Since the start of January, the number of deaths attributed to the disease daily has fallen below 100, for the first time since June.

But the health ministry last week warned that the epidemiological situation remained "fragile".

Double crisis

Alongside the pandemic, Iran remains mired in an economic crisis, triggered by the US reimposing crippling sanctions from 2018 under the administration of former president Donald Trump.

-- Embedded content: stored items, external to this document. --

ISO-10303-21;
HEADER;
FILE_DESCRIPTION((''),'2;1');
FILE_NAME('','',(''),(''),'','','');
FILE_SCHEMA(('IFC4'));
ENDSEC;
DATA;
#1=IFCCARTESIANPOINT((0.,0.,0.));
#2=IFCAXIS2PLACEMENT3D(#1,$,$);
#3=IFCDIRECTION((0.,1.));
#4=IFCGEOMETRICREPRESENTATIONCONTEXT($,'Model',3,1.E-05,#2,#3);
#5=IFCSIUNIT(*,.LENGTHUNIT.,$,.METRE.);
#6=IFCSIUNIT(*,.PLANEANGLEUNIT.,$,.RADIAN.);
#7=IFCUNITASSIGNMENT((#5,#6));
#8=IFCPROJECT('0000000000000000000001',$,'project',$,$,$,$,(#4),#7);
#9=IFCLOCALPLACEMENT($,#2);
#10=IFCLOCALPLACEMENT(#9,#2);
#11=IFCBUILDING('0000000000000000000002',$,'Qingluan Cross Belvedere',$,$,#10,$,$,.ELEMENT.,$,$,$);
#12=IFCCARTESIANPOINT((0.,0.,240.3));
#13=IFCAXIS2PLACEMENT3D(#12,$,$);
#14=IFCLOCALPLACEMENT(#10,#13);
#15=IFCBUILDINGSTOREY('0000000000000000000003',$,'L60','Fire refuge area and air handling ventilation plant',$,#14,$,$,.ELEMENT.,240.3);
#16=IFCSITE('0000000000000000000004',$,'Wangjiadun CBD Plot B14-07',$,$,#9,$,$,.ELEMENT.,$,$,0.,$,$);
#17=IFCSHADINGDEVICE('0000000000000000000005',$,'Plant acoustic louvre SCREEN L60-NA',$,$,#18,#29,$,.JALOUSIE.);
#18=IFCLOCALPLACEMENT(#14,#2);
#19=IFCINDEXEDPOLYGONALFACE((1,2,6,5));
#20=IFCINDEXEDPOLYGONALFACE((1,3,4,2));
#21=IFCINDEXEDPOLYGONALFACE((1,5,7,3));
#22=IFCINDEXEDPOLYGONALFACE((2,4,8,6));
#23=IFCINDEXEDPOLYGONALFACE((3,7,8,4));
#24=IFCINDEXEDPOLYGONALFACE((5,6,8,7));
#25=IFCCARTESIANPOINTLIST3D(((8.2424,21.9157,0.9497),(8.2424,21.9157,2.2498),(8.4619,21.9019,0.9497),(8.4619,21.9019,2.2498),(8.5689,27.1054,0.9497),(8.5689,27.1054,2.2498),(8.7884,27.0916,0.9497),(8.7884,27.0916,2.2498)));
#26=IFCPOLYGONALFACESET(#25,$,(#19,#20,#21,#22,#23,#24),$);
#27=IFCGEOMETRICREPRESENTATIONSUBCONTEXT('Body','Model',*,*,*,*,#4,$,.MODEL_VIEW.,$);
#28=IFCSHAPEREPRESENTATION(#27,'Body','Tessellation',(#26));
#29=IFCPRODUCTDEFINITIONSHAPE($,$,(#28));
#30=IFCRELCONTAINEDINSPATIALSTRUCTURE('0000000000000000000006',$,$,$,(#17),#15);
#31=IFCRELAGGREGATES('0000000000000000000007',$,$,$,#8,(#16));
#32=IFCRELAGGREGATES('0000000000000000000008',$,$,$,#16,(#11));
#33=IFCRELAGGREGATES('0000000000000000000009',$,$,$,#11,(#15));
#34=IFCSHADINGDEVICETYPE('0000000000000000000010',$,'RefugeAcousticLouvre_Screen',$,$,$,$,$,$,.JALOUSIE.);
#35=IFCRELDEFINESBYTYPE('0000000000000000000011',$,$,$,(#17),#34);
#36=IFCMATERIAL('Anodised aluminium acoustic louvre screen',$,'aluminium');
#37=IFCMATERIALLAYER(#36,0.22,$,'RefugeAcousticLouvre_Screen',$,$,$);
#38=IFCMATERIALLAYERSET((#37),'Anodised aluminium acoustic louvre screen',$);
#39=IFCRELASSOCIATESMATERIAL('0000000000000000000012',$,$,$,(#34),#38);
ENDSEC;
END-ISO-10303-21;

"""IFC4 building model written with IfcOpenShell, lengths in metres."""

from ifc_helpers import new_model, si_unit, direction, frame, origin, origin_2d, place, context, subcontext, project, spatial, rectangle, extrude, material, layer, layer_set, type_object, element, save


model = new_model("IFC4")

# Units and contexts
model_context = context("Model", 3, precision=1e-05, world=origin(), true_north=direction((0.0, 1.0)))
body_context = subcontext(model_context, "Body", "Model", "MODEL_VIEW")
ifc_project = project(units=[si_unit("LENGTHUNIT", "METRE"), si_unit("PLANEANGLEUNIT", "RADIAN")], contexts=[model_context])

# Site, building, storey
site_placement = place(None, origin())
site = spatial("IfcSite", under=ifc_project, at=site_placement, Name="Wangjiadun CBD Plot B14-07", CompositionType="ELEMENT", RefElevation=0.0)
building_placement = place(site_placement, origin())
building = spatial("IfcBuilding", under=site, at=building_placement, Name="Qingluan Cross Belvedere", CompositionType="ELEMENT")
storey_placement = place(building_placement, frame((0.0, 0.0, 240.3)))
storey = spatial("IfcBuildingStorey", under=building, at=storey_placement, Name="L60", Description="Fire refuge area and air handling ventilation plant", CompositionType="ELEMENT", Elevation=240.3)

# Shading device
ifc_material_1 = material(Name="Anodised aluminium acoustic louvre screen", Category="aluminium")
ifc_layer_1 = layer(ifc_material_1, 0.22, Name="RefugeAcousticLouvre_Screen")
ifc_layer_set_1 = layer_set([ifc_layer_1], Name="Anodised aluminium acoustic louvre screen")
shading_device_type_1 = type_object("IfcShadingDeviceType", Name="RefugeAcousticLouvre_Screen", PredefinedType="JALOUSIE", material=ifc_layer_set_1)
shading_device_1_placement = place(storey_placement, frame((8.5154, 24.5037, 0.9497), z_axis=(0.0, 0.0, 1.0), x_axis=(0.062791, 0.998027, 0.0)))
element("IfcShadingDevice", 1, at=shading_device_1_placement, inside=storey, type_object=shading_device_type_1, Name="Plant acoustic louvre SCREEN L60-NA", PredefinedType="JALOUSIE", context=body_context, shape_type="SweptSolid", body=[
    extrude(rectangle(XDim=5.2, YDim=0.22, at=origin_2d()), origin(), (0.0, 0.0, 1.0), 1.3),
])

save(model, "model.ifc")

Iranian authorities have said that the sanctions impede the purchase of vaccines.

In theory, medical purchases are sanctions exempt, but many international banks are averse to any transactions with the Islamic republic, for fear of litigation.

However, Health Minister Saeed Namaki said last week that Iran would, in addition to the Sputnik deliveries, also receive 4.2 million doses of the vaccine developed by Anglo-Swedish firm AstraZeneca and Oxford University.

The AstraZeneca shots are to be purchased via the international vaccine mechanism Covax.

Iran started clinical trials of its own first locally developed vaccine in late December and on Monday unveiled a second homegrown vaccine project.

The second Iranian vaccine, dubbed Razi Cov Pars, was developed at the Razi Vaccine and Serum Research Institute, which is linked to the agriculture ministry, according to Massoud Soleimani, a member of Iran's national vaccine committee.